Governança é o primeiro passo. Ao criar um agente, é preciso definir o papel que ele terá, o que poderá fazer e quais dados poderá acessar, como o CRM ou formulários. Também é essencial determinar fontes confiáveis e limites de acesso, para que o cliente saiba de onde vêm as informações. Outro ponto é estabelecer regras de escalonamento, quando o agente deve transferir a conversa a um humano, e prever situações de conduta, como o que fazer se o cliente for ofensivo. No fim, é como criar uma função dentro da empresa. O agente precisa ter um papel, uma responsabilidade e uma voz que representem a marca, refletindo a cultura corporativa como qualquer colaborador faria.

Essas soluções parecem exigir grandes estruturas. Pequenas empresas também conseguem adotar agentes de IA?

Sim, e esse é o poder da nuvem. Ela democratizou o acesso à tecnologia. A maioria dos nossos clientes é formada por pequenas empresas e startups. Os agentes de IA nivelam ainda mais a competição, permitindo que equipes menores atendam clientes 24 horas por dia. O ideal é começar com casos simples, como suporte fora do horário comercial ou follow-ups automáticos, e ampliar conforme o negócio cresce. É um processo gradual, não um investimento de milhões.

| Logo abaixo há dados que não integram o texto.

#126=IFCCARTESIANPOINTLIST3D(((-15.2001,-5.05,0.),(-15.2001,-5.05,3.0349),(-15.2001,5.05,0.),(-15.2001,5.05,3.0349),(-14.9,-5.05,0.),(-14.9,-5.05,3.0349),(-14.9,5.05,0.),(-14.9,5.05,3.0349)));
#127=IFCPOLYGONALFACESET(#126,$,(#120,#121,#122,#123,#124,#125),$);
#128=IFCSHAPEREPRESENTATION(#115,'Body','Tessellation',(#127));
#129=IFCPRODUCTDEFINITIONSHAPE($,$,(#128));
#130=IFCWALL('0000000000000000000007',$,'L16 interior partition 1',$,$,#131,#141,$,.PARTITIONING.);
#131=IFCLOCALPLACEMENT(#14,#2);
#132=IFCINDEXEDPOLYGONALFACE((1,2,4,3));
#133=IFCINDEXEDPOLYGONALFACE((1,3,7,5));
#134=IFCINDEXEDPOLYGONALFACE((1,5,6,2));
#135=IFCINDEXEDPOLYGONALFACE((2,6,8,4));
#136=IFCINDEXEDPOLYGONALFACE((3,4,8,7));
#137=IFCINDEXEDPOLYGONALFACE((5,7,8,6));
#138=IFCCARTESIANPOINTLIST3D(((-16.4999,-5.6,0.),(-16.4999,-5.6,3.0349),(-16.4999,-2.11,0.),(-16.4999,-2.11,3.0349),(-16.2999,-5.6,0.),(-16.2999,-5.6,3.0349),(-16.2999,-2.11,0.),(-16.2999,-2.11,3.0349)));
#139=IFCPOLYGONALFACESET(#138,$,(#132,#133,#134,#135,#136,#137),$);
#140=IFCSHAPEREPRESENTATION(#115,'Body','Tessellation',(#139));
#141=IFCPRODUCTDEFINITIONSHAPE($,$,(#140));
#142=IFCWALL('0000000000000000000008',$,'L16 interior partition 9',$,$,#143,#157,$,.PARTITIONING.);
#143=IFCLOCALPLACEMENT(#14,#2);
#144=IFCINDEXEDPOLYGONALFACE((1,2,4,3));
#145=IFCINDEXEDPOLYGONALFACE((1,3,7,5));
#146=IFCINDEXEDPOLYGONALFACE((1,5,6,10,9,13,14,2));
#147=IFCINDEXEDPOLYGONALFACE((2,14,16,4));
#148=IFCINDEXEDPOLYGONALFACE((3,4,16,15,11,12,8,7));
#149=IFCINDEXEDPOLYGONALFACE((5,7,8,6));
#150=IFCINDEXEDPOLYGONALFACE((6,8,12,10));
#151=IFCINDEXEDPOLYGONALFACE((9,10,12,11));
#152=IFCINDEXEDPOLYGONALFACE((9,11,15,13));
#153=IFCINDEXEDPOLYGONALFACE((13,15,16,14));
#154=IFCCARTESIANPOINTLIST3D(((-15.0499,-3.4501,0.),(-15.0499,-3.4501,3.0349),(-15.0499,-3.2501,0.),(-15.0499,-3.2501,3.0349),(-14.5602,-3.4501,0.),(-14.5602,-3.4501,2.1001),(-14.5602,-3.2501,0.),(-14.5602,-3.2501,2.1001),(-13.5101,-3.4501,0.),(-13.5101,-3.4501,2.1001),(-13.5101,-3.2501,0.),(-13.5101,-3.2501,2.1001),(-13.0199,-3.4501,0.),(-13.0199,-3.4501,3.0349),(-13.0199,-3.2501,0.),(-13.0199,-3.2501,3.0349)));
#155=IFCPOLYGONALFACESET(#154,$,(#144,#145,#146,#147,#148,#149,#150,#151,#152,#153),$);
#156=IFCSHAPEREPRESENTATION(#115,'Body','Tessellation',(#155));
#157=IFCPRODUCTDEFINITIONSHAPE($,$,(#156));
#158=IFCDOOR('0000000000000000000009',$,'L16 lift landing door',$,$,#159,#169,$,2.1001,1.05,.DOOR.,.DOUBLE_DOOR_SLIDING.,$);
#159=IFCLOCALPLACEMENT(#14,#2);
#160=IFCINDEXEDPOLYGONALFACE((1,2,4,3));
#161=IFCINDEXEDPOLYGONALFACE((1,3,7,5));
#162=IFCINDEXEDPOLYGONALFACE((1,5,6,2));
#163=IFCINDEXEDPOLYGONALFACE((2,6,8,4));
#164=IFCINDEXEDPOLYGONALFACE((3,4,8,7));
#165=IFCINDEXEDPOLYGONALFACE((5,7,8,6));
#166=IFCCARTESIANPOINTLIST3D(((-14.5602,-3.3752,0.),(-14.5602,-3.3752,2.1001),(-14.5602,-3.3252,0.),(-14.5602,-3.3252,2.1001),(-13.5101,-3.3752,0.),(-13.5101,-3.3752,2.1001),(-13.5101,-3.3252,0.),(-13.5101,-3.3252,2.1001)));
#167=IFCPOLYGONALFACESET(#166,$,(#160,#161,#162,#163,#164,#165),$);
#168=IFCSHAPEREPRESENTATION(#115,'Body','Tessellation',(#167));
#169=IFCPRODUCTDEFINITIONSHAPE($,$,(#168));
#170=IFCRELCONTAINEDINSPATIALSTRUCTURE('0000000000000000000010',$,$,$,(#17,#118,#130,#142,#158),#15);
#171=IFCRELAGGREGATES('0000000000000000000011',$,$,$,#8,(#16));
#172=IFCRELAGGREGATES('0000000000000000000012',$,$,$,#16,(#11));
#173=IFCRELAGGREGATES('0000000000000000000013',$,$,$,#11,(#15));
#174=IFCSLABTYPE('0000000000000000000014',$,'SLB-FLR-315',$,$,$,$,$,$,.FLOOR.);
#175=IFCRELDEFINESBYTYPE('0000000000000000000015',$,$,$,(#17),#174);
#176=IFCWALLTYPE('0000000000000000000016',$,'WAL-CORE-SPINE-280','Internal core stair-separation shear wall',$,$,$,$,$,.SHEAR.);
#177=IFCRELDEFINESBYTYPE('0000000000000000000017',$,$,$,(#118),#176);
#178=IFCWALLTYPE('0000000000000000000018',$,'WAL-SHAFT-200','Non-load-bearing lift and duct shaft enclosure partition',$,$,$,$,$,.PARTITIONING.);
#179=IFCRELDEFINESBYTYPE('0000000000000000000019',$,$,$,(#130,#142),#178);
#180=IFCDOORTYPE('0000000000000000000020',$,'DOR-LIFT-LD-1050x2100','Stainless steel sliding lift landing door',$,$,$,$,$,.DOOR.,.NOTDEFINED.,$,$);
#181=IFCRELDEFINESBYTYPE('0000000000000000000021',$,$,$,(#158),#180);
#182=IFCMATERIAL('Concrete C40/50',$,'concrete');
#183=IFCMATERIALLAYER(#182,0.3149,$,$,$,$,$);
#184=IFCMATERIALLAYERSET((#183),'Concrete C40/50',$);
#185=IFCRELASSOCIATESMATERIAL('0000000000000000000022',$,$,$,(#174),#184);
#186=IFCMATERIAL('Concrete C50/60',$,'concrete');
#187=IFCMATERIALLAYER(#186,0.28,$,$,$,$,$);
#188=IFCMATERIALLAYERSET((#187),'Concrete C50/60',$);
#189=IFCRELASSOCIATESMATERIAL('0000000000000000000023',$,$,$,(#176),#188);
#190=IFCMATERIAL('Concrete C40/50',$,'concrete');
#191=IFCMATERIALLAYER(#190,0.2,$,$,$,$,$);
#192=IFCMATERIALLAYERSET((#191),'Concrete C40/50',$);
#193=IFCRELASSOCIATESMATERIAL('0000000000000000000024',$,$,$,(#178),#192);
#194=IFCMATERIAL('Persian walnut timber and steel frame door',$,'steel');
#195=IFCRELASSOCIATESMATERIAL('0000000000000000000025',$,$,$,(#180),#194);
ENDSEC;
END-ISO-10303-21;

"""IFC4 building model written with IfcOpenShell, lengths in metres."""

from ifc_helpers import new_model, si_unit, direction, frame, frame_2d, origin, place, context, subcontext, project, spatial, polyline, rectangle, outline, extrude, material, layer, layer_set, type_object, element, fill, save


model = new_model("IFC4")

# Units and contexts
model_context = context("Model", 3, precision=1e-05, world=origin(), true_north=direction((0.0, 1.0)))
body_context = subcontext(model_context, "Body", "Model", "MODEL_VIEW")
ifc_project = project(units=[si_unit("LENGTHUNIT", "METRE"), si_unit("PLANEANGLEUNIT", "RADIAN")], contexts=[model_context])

Alguns críticos dizem que a inteligência artificial tende a padronizar as marcas. Você concorda?

A tecnologia sempre esteve presente. CRM, automação e martech nunca foram o diferencial, e sim a forma como cada empresa utiliza, configura, treina e aplica seus agentes. A questão central é qual é a voz do agente de IA e de que forma ela reflete a cultura da marca. No fim, não é “o quê”; é “como” — e esse continua sendo o papel do CMO.